Education » Doctorate, University of Pennsylvania
Previous posts » Wharton School of Business, U. of Pennsylvania; University of Utah.
Awards » 2009 Executive MBA Teaching Award, U. of U.; 2007 MBA Teaching Award, U. of U.; 2005 finalist for Best Paper Award from California Management Review; 2004 Wharton Teaching Award from the University of Pennsylvania; 2003 Distinguished Teaching Award from Brady Alumni
At the U. » Named dean, July 2009
Research interests » Issues at interface of accounting and operations management, strategic cost management, supply-chain management, product-variety management, economic incentives and supplier scorecards.
Recent publications » Co-author of Managing Product Variety: A Study of the Bicycle Industry (1998); "Does Component Sharing Help or Hurt Reliability: An Empirical Study in the Automotive Industry," Management Science, (forthcoming); co-author of "Periodic versus Continuous Accounting of Inventory Related Costs," Operations Research (forthcoming); co-author of "In Search of the Bullwhip Effect, Manufacturing and Service Operations Management" (2007).
Family » Married with four children.
Source » David Eccles School of Business
Marketing professor Gary Grikscheit came to the U. in 1971 during an era of traditional professor-centered classrooms. The physical layout generally hindered students interacting with one another, he said.
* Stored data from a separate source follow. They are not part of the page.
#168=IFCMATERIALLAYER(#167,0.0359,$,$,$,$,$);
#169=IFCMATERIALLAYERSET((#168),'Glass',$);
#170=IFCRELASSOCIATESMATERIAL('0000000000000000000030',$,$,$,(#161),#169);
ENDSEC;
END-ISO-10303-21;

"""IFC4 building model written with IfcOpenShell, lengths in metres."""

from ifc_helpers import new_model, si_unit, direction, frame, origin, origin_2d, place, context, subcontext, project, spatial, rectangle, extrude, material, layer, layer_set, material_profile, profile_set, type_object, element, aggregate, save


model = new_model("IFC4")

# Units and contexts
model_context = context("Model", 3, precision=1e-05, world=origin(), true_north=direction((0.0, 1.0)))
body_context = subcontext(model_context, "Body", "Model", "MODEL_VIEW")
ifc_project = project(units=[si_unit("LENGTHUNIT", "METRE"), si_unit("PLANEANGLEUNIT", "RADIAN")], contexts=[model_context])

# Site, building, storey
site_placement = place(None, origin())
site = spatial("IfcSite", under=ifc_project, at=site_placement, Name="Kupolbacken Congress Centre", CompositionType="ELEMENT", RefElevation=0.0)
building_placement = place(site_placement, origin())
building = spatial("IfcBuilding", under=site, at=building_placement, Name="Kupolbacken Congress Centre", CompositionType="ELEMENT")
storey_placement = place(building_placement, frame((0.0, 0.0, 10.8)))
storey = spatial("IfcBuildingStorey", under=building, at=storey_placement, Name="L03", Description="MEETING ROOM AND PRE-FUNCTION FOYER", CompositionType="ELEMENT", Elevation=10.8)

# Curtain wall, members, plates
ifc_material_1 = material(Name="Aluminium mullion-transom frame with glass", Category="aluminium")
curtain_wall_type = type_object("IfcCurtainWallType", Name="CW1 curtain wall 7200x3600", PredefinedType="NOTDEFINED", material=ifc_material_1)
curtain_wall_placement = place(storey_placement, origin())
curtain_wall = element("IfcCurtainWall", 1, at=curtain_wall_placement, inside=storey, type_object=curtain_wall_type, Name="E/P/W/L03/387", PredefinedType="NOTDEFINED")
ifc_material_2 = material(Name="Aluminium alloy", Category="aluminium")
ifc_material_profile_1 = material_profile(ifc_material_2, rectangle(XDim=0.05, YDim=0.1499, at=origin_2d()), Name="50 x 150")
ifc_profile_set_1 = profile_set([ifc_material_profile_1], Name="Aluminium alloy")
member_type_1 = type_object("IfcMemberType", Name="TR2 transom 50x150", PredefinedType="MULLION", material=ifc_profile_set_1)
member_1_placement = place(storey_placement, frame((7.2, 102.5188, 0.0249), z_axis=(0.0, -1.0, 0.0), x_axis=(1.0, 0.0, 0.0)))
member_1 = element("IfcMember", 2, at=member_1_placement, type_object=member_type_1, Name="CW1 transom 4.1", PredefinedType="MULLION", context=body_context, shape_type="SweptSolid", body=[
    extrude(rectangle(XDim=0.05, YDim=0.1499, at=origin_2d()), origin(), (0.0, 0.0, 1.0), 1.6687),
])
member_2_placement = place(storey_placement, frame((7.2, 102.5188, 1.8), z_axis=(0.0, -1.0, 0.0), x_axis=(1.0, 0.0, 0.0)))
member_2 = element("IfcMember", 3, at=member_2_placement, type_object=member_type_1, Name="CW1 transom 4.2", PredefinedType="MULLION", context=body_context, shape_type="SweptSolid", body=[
Grikscheit looks forward to the next few years when state-of-the-art classroom facilities will offer student-centered classrooms designed with high-tech equipment and in an elliptical layout. This scheme will give students free access to one other during class discussions and team projects.
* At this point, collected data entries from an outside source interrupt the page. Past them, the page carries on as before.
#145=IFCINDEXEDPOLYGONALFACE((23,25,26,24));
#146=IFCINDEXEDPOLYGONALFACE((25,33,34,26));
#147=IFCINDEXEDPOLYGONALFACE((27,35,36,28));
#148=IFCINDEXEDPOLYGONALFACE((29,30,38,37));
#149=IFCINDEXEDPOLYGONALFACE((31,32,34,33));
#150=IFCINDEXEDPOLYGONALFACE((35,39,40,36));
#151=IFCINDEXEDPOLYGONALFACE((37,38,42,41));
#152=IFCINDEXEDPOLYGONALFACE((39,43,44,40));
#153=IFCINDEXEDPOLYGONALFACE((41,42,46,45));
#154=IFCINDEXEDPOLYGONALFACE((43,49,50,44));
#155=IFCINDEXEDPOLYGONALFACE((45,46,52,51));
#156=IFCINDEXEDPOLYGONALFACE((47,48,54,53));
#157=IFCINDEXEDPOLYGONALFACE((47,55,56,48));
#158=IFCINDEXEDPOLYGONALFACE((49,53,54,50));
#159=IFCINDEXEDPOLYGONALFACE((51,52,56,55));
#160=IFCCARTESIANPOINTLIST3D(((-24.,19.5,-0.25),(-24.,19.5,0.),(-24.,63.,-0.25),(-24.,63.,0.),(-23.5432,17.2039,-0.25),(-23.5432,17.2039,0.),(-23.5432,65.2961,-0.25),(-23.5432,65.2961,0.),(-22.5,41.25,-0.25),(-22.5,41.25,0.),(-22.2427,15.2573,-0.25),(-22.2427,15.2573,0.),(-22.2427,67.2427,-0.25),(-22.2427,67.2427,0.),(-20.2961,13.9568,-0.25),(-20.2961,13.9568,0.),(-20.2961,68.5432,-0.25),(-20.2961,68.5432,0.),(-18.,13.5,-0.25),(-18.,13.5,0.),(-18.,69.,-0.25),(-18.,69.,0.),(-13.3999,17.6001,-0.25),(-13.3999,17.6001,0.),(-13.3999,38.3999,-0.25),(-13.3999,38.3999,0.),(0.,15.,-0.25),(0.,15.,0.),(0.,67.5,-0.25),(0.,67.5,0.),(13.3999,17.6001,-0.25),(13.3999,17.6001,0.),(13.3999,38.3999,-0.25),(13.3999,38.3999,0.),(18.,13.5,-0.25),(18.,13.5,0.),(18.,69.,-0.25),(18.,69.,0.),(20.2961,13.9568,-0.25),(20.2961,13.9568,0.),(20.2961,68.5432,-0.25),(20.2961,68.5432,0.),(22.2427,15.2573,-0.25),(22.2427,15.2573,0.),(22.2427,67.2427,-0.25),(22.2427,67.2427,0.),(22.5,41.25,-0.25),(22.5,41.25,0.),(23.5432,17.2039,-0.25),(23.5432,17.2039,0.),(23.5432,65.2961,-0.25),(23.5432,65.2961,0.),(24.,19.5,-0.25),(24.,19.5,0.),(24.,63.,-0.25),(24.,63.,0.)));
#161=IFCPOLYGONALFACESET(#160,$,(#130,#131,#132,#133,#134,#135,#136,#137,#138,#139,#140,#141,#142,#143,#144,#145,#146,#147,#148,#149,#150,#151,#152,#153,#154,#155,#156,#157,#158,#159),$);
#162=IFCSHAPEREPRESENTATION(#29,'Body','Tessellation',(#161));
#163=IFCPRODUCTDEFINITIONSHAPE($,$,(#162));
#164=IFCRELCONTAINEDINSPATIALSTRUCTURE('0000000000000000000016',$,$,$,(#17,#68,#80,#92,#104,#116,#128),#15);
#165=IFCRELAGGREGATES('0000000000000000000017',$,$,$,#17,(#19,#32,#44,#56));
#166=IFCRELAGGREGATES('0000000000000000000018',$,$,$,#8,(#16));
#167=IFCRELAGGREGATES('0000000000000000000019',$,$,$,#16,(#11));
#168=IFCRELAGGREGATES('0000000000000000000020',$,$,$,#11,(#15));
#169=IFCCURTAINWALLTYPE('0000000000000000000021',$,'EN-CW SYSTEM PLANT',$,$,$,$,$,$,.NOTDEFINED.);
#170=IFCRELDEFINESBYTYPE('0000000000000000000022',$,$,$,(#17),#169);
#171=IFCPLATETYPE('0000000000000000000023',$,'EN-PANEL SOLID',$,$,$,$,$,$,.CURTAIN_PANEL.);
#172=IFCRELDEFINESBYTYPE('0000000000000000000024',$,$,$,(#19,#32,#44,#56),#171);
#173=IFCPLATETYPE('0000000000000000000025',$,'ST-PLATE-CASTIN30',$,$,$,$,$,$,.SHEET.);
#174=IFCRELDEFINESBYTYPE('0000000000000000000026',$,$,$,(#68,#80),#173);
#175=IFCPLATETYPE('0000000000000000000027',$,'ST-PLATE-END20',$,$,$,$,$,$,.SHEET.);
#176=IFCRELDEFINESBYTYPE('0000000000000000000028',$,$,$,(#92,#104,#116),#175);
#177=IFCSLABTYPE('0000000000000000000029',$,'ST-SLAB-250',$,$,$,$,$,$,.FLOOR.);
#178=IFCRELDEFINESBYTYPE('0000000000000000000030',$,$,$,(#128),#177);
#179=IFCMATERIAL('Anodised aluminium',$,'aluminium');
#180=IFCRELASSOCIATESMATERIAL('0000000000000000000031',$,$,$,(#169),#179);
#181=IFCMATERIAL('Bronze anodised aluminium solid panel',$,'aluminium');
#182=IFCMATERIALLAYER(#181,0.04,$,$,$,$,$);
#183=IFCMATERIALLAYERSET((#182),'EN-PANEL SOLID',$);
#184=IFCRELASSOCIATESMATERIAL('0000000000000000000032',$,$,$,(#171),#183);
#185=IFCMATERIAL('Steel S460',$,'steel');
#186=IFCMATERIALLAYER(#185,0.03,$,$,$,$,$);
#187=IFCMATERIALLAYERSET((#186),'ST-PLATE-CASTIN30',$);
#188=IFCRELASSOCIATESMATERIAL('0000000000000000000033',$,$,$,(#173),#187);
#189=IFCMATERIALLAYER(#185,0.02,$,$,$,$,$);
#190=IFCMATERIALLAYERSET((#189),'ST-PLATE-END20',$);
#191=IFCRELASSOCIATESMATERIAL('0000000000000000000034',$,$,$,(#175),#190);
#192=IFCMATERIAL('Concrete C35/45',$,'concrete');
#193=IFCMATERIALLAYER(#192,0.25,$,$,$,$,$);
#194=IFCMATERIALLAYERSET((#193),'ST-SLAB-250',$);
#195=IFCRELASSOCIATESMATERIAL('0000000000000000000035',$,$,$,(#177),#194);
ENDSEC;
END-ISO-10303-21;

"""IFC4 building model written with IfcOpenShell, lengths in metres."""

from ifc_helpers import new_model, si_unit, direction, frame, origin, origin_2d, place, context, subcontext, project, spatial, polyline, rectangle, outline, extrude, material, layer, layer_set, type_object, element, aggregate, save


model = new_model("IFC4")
"The school always has had a strong faculty, people with degrees from first-rate institutions, people who wrote textbooks used in most business schools. In that sense, nothing has changed," he said. In the '90s, the school adopted the case-method approach developed by Harvard University to put it "at the leading edge of business education."
Change continues, said Grikscheit, referring to creation of programs -- such as new-venture development -- that "are a testament to the vitality of our students. If they take this opportunity seriously, they can become diamonds" in the business world.
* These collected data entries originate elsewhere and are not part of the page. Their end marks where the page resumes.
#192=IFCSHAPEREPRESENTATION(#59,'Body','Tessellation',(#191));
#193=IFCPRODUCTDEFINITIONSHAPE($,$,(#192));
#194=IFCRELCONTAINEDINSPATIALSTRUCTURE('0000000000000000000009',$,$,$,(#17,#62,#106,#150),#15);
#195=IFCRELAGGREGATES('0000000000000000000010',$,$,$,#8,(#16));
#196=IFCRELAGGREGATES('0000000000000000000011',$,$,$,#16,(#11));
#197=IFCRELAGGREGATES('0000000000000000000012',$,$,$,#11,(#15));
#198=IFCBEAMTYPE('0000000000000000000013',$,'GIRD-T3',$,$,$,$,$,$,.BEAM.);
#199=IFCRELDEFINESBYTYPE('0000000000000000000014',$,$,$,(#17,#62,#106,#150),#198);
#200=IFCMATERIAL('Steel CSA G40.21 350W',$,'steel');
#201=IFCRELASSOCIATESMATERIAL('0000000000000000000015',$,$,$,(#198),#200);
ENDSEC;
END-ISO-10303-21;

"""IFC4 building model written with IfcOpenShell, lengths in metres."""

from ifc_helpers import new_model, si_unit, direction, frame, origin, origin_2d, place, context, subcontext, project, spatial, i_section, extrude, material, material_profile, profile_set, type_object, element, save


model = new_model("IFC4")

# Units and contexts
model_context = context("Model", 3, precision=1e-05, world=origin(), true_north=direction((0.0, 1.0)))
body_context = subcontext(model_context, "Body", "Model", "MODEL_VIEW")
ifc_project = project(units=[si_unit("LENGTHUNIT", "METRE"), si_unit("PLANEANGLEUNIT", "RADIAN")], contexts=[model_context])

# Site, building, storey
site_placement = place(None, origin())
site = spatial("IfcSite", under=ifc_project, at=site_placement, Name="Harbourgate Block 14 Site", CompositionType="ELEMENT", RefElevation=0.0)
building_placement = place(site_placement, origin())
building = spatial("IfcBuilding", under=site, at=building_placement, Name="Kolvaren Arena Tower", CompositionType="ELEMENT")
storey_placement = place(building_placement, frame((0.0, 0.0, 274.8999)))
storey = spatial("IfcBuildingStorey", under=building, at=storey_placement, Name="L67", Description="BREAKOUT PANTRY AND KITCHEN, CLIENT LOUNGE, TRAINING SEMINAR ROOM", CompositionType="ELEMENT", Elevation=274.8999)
Professional MBA Program among Top 50 in the nation -- BusinessWeek.
Executive MBA program ranked 30th in the United States and 77th in the world -- Financial Times
No. 3 "Most Family Friendly" business school in the country -- Princeton Review
Among the top 15 U.S. business schools for Operations Management -- Princeton Review
Faculty awards and distinctions
Finance department 20th in the world for faculty research -- Finance Management Association and Arizona State University
20th for faculty research output in the U.S. -- Financial Times
Marketing professor Abbie Griffin named Crawford Fellow for research contributions in the area of product innovation -- Product Development and Management Association
Accounting professor Marci Butterfield named educator of the year -- American Woman's Society of Certified Public Accountants
The David Eccles School of Business is replacing 62,000 square feet of space from its now-demolished circular classroom and library building with an 188,000-square-foot structure. Seventy percent of the building will go to study space and state-of-the-art classrooms with video-conferencing capabilities. "Imagine having the ability to contact one of our alums running a company in Japan and have him interact with students here," said Taylor Randall, the business school dean. Once that's completed, the adjacent Garff Building will be demolished for more expansion.